If you'd prefer to spot fix your code, possibly because you need to use dangerous classes somewhere, or because you need to minimize stability risk, you can use the SafeObjectInputStream class. To use this class, you'll need to replace calls to ObjectInputStream in your code with calls to SafeObjectInputStream.
When you use SafeObjectInputStream, you can either whitelist or blacklist classes - whitelisting is safer, but blacklisting has lower stability risk. If you want to use this, you don't need the java command line options listed above. Instead, construct your SafeObejctInputStream, tell it if you want to blacklist or whitelist, and add the whitelisted/blacklisted classes to the stream. NOTE: you'll have to repeat this everywhere in your code where you need to implement safe deserialization.
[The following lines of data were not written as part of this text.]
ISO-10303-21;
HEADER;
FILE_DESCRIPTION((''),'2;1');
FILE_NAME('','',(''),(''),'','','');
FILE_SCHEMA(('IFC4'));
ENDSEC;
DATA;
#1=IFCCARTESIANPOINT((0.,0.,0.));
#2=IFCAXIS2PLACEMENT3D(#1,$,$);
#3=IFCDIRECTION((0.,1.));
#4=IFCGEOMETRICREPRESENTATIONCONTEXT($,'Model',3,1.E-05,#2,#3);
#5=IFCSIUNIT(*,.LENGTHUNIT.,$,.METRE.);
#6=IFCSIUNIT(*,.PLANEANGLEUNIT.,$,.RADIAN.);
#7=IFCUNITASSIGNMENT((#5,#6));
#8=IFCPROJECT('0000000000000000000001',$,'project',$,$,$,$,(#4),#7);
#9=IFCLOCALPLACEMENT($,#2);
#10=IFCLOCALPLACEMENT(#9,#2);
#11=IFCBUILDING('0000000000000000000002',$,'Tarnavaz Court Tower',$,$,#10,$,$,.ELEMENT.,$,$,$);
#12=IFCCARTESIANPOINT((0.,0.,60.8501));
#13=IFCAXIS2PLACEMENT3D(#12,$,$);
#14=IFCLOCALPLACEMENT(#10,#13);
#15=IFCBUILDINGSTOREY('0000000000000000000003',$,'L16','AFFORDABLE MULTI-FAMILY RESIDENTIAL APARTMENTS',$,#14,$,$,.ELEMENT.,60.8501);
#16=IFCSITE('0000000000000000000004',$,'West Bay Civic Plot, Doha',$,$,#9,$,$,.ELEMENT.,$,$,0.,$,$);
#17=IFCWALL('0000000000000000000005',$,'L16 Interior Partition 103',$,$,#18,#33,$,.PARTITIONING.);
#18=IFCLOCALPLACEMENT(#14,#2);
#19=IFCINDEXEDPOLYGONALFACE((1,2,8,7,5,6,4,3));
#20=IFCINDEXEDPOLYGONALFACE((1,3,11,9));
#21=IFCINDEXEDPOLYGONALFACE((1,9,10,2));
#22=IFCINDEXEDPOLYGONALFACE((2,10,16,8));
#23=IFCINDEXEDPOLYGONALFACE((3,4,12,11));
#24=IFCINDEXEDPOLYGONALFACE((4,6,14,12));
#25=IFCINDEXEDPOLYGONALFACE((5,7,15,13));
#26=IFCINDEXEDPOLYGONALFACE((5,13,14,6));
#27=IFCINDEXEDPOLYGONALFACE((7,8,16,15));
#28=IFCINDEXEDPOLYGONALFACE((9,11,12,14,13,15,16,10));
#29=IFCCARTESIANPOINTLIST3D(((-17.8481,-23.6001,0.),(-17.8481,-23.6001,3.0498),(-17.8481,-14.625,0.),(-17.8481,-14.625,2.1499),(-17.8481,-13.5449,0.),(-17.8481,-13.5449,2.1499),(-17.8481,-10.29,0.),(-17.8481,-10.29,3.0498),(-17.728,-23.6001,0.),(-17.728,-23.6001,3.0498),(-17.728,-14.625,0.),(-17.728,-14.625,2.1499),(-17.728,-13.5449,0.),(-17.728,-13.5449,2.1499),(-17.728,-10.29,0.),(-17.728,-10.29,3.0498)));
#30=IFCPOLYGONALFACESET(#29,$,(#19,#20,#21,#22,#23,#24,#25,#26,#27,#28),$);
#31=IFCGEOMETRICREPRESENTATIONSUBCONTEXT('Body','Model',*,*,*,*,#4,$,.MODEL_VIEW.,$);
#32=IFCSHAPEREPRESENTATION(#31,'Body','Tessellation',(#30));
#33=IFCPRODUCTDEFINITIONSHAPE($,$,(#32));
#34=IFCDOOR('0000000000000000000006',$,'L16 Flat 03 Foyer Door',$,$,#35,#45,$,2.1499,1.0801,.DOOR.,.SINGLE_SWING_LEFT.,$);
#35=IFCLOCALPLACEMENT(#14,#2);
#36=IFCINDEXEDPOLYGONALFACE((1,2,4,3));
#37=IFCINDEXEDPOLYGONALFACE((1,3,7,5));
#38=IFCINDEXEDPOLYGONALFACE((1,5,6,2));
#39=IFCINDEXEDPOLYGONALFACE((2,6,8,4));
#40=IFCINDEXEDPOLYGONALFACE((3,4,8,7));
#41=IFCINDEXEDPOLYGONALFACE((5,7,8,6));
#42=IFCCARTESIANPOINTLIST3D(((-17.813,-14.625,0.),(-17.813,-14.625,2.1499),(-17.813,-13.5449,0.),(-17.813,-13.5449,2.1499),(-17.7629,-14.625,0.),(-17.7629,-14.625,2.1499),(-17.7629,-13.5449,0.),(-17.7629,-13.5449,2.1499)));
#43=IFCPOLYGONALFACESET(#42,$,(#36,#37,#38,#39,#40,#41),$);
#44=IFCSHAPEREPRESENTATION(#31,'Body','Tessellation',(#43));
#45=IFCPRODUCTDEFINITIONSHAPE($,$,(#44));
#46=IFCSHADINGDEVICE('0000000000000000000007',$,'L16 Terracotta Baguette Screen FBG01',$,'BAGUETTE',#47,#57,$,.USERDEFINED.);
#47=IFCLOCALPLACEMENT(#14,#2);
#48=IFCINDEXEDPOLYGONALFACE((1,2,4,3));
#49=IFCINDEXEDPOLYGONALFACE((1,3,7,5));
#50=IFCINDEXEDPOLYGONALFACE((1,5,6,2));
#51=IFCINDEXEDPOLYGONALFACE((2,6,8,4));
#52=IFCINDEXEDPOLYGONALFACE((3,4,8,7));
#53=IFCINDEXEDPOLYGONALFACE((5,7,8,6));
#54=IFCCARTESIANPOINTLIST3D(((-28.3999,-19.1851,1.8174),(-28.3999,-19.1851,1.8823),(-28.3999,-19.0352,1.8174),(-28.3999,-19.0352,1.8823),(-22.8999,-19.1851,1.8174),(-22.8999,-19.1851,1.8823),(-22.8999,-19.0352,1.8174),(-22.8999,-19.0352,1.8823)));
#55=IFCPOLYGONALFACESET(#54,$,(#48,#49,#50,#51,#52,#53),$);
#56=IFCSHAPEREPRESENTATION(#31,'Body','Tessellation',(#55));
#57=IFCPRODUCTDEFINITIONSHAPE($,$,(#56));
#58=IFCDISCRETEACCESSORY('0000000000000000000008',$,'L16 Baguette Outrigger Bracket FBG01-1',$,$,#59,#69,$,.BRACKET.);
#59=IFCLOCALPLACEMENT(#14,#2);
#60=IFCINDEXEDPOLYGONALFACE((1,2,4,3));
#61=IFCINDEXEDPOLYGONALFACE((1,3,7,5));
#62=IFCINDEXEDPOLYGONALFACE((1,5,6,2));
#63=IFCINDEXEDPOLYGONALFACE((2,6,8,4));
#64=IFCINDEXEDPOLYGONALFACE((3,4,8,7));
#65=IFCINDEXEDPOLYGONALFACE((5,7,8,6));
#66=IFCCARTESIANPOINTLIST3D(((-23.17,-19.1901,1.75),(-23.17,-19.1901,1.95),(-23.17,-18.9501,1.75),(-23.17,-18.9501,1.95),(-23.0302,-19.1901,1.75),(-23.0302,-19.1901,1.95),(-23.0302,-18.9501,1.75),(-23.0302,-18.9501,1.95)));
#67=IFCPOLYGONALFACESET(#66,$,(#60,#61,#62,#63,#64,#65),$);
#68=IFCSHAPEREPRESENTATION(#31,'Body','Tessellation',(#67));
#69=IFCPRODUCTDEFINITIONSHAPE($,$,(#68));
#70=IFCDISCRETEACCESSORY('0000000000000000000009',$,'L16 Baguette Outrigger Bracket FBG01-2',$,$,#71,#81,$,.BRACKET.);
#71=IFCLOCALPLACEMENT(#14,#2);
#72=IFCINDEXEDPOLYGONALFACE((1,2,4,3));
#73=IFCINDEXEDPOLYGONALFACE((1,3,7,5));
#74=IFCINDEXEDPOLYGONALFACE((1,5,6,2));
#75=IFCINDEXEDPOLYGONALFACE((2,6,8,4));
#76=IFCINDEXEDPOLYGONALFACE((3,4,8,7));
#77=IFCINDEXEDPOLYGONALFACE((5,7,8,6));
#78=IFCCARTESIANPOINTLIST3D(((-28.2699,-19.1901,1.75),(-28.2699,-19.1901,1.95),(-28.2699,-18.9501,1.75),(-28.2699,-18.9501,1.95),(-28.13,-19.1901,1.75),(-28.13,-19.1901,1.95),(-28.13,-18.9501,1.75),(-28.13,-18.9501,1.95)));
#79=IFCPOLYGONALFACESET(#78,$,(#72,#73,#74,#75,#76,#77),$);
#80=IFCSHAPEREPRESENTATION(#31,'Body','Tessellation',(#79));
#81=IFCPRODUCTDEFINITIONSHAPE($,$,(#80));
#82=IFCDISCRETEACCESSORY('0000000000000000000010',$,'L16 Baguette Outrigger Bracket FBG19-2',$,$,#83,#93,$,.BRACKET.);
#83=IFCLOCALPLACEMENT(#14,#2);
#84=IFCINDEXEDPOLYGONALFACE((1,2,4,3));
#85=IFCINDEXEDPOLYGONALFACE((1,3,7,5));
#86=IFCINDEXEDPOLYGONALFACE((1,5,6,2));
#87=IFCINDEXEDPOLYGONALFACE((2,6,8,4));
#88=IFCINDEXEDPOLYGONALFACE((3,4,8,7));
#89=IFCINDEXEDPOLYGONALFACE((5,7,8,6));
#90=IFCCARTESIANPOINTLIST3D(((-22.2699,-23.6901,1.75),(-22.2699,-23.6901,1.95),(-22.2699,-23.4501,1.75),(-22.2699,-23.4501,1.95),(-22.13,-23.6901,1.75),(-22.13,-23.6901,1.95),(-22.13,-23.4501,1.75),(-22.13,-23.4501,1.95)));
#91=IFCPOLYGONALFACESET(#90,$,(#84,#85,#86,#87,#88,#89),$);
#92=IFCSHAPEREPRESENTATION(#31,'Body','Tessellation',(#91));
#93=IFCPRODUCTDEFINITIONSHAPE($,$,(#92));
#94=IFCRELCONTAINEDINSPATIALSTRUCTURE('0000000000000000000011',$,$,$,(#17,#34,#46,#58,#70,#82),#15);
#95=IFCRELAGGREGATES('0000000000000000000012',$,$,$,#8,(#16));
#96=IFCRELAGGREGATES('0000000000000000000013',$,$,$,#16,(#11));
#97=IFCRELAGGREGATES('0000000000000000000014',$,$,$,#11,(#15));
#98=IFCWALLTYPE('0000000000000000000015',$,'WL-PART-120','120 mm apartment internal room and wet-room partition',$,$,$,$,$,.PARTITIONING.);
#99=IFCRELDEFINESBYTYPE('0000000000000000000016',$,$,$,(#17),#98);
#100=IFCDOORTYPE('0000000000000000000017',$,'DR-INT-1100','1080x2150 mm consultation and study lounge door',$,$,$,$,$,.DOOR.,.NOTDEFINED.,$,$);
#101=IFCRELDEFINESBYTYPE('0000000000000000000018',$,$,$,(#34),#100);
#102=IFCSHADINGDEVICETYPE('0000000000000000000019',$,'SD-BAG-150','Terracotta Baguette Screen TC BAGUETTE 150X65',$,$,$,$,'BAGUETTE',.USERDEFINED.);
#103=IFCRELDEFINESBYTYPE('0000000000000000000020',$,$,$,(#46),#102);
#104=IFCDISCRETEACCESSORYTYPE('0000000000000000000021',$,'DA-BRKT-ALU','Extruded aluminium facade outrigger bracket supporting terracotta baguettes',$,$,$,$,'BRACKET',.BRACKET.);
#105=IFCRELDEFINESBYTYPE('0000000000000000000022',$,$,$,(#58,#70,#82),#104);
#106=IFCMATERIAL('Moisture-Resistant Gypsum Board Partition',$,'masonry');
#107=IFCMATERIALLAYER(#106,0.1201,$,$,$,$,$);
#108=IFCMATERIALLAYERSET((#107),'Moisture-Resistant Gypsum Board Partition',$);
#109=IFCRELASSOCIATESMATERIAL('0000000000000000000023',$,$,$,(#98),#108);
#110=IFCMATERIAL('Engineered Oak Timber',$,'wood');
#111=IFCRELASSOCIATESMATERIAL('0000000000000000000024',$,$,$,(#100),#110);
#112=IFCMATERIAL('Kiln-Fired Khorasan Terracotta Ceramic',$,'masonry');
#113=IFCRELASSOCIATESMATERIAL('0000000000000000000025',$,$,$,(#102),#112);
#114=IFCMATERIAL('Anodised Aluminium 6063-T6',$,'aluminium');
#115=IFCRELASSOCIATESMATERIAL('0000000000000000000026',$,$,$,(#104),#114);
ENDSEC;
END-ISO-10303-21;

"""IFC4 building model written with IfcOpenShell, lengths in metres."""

from ifc_helpers import new_model, si_unit, direction, frame, frame_2d, origin, origin_2d, place, context, subcontext, project, spatial, rectangle, extrude, material, layer, layer_set, material_profile, profile_set, type_object, element, fill, save


model = new_model("IFC4")

# Units and contexts
model_context = context("Model", 3, precision=1e-05, world=origin(), true_north=direction((0.0, 1.0)))
body_context = subcontext(model_context, "Body", "Model", "MODEL_VIEW")
ifc_project = project(units=[si_unit("LENGTHUNIT", "METRE"), si_unit("PLANEANGLEUNIT", "RADIAN")], contexts=[model_context])

# Site, building, storey
site_placement = place(None, origin())
site = spatial("IfcSite", under=ifc_project, at=site_placement, Name="West Bay Civic Plot, Doha", CompositionType="ELEMENT", RefElevation=0.0)
building_placement = place(site_placement, origin())
building = spatial("IfcBuilding", under=site, at=building_placement, Name="Tarnavaz Court Tower", CompositionType="ELEMENT")
storey_placement = place(building_placement, frame((0.0, 0.0, 60.8501)))
storey = spatial("IfcBuildingStorey", under=building, at=storey_placement, Name="L16", Description="AFFORDABLE MULTI-FAMILY RESIDENTIAL APARTMENTS", CompositionType="ELEMENT", Elevation=60.8501)

# Wall, opening, door
ifc_material_1 = material(Name="Moisture-Resistant Gypsum Board Partition", Category="masonry")
ifc_layer_1 = layer(ifc_material_1, 0.1201)
ifc_layer_set_1 = layer_set([ifc_layer_1], Name="Moisture-Resistant Gypsum Board Partition")
wall_type_1 = type_object("IfcWallType", Name="WL-PART-120", Description="120 mm apartment internal room and wet-room partition", PredefinedType="PARTITIONING", material=ifc_layer_set_1)
wall_1_placement = place(storey_placement, frame((-17.7881, -23.6001, 0.0), z_axis=(0.0, 0.0, 1.0), x_axis=(0.0, 1.0, 0.0)))
wall_1 = element("IfcWall", 1, at=wall_1_placement, inside=storey, type_object=wall_type_1, Name="L16 Interior Partition 103", PredefinedType="PARTITIONING", context=body_context, shape_type="SweptSolid", body=[
    extrude(rectangle(XDim=13.3101, YDim=0.1201, at=frame_2d((6.655, 0.0))), origin(), (0.0, 0.0, 1.0), 3.0498),
])
opening_1_placement = place(wall_1_placement, frame((8.9751, 0.0, 0.0)))
opening_1 = element("IfcOpeningElement", 2, at=opening_1_placement, cuts=wall_1, PredefinedType="OPENING", context=body_context, shape_type="SweptSolid", body=[
    extrude(rectangle(XDim=1.0801, YDim=2.1499, at=frame_2d((0.54, 1.075))), frame((0.0, 0.0701, 0.0), z_axis=(0.0, -1.0, 0.0), x_axis=(1.0, 0.0, 0.0)), (0.0, 0.0, 1.0), 0.1401),
])
ifc_material_2 = material(Name="Engineered Oak Timber", Category="wood")
door_type = type_object("IfcDoorType", Name="DR-INT-1100", Description="1080x2150 mm consultation and study lounge door", OperationType="NOTDEFINED", PredefinedType="DOOR", material=ifc_material_2)
door_placement = place(opening_1_placement, origin())
door = element("IfcDoor", 3, at=door_placement, inside=storey, type_object=door_type, Name="L16 Flat 03 Foyer Door", OperationType="SINGLE_SWING_LEFT", OverallHeight=2.1499, OverallWidth=1.0801, PredefinedType="DOOR", context=body_context, shape_type="SweptSolid", body=[
    extrude(rectangle(XDim=1.0801, YDim=2.1499, at=frame_2d((0.54, 1.075))), frame((0.0, 0.0249, 0.0), z_axis=(0.0, -1.0, 0.0), x_axis=(1.0, 0.0, 0.0)), (0.0, 0.0, 1.0), 0.05),
])
fill(opening_1, door)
SafeObjectInputStream in = new SafeObjectInputStream(inputStream, true); // whitelisting mode // or // = new SafeObjectInputStream(inputStream, false); // blacklisting mode in.addToWhitelist(ClassThatIsSafeToDeserialize.getName()); in.addToWhitelist("com.my.SafeDeserializable"); // or // in.addToBlacklist(ClassThatIsDangerous.class); // then just use like normal in.readObject();
Reporting on Serialization Usage
The shim can be instructed to report when serialization occurs. This allows you to determine where in your application deserialization is actually occurring - assuming that you exercise the relevant functionality.
To use this, built it just as described in "JVM-wide fix" but, use the following command line options instead:
What does it do?
When protecting your application, the JVM-wide shim or the SafeObjectInputStream spot fix will throw a SecurityException if there is an attempt to deserialize a dangerous object.
This represents the "last mile" of the exploit chain. The default blacklist contains the only publicly known proofs-of-concept, which are extremely unlikely to be used for legitimate purposes during deserialization.
Though there likely exist other exploitable classes, they are difficult to find, and likely won't be part of any mass exploitation tool for a while.
However, when they do become available, you can update your configuration file to include these classes in your blacklist. Or, if you want to be more secure, you can use this tool in "reporting" mode to learn what you're deserializing, and then specify a whitelist of the classes that you want to allow. If you go with this approach, and you don't happen to include a dangerous class in your whitelist, then new research finding additional dangerous classes won't affect you.
What's the synopsis of all configuration options and usage modes?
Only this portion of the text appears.